If you were using common spellings, the names wouldn't be much of a problem. But you are not, and you want to give the reader time to sound out each of the new words and get accustomed to using them, before you throw out the next one. I like that you are establishing an entirely new geography, but this has to be done with a lot of patience. It also should be almost transparent to the reader, done in such a way as to not interrupt the plot and character introductions. If the geography is so important to the story that the terrain serves as one of the characters, then you need to devote introduction time to it just as you would to any other character.
I get the valley and peninsula names, but "Ufalaak Erthelba" has no reference. Is it a country? A continent? I'm not sure you even need it as a designation, yet. I was also a little confused when you mention two mountain ranges. After reading a few more times, I decided you must mean that the valley lies between the two ranges. Then I had trouble picturing a peninsula big enough to support two entire mountain ranges. Plus, if the two ranges run close enough together to share a valley, I wonder why they are considered two separate entities? You might need to elaborate on that reason. (Which might also be a good way to solidify the words in the reader's mind.)
So, you might try to leave the geography description for later on, bring in the names of peninsula and mountains as they become important to the characters. (I know a lot of readers don't look a maps, but you probably need one, if the geography is that important to the story.
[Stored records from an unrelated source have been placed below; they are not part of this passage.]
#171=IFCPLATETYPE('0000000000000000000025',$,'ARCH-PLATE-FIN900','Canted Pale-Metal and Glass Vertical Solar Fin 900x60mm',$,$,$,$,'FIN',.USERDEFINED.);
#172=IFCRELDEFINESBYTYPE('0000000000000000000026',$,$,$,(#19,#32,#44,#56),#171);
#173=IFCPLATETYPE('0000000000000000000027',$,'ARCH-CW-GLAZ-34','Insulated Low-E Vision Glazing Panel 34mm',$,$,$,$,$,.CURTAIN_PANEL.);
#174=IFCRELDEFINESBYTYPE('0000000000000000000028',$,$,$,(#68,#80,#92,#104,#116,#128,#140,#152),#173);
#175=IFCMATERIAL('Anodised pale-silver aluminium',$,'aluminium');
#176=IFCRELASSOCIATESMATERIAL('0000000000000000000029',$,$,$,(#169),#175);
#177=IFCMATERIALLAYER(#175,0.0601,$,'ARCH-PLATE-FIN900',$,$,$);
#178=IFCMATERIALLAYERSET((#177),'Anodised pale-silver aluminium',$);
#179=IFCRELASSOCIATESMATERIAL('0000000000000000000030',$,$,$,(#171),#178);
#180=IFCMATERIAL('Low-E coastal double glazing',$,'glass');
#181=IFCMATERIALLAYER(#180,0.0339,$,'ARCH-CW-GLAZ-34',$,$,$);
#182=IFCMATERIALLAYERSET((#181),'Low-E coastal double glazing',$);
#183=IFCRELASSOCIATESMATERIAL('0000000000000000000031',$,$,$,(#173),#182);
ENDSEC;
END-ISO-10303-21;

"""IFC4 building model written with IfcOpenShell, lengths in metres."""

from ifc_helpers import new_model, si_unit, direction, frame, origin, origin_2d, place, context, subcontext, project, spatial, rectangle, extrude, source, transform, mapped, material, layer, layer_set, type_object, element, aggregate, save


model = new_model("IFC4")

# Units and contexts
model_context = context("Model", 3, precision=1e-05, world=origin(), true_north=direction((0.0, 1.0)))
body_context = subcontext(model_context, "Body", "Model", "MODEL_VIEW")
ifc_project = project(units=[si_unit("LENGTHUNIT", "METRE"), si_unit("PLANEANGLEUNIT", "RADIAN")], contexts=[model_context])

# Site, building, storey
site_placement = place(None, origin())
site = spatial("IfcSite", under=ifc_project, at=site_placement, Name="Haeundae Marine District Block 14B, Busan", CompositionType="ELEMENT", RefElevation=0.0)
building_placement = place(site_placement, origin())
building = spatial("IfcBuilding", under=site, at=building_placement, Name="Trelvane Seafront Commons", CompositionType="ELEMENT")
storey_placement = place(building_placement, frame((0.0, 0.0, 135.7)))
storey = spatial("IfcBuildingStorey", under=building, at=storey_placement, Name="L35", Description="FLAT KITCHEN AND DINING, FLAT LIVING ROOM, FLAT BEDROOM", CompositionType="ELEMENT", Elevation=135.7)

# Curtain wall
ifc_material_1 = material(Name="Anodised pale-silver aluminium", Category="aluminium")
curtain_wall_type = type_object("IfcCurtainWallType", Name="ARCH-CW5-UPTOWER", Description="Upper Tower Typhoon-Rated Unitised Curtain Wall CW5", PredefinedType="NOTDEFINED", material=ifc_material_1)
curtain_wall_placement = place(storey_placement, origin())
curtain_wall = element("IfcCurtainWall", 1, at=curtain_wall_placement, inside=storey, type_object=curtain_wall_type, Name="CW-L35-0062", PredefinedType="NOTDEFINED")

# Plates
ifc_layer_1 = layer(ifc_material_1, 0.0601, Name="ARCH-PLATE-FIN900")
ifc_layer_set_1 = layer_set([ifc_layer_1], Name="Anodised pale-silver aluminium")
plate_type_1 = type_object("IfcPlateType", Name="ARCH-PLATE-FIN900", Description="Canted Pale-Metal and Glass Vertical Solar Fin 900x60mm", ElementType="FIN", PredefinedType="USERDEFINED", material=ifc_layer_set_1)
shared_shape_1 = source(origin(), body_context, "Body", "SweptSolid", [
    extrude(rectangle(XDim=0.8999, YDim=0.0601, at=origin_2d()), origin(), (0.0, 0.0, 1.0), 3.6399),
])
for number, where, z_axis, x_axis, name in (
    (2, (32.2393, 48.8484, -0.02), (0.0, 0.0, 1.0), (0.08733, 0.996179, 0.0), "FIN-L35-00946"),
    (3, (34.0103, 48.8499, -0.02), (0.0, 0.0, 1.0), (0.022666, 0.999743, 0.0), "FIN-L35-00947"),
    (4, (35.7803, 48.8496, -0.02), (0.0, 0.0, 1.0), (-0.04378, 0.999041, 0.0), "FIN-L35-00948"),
You still won't be able to control whether or not the reader will choose to look at the map, but it will be there for those who are curious enough to use it.)
You have a really nice legend to start out with, and an interesting premise with the "five races of men." I'd say concentrate more on those things, less on the geography, for now.
Suggestion: if the opener is one of those what's-it's-called before the chapter starts, maybe you could set off the speakers differently.
quote:Saa: "When a man becomes a human being it is a rare event, and when that human being dies, Iibrahim puts another star in the heavens." Aii: "What rare event? Look at all the stars!" Maatnaguu: "But when was the last time you saw a new one?" Aii: "Saa, if that is so, then why do stars sometimes fall from the sky?"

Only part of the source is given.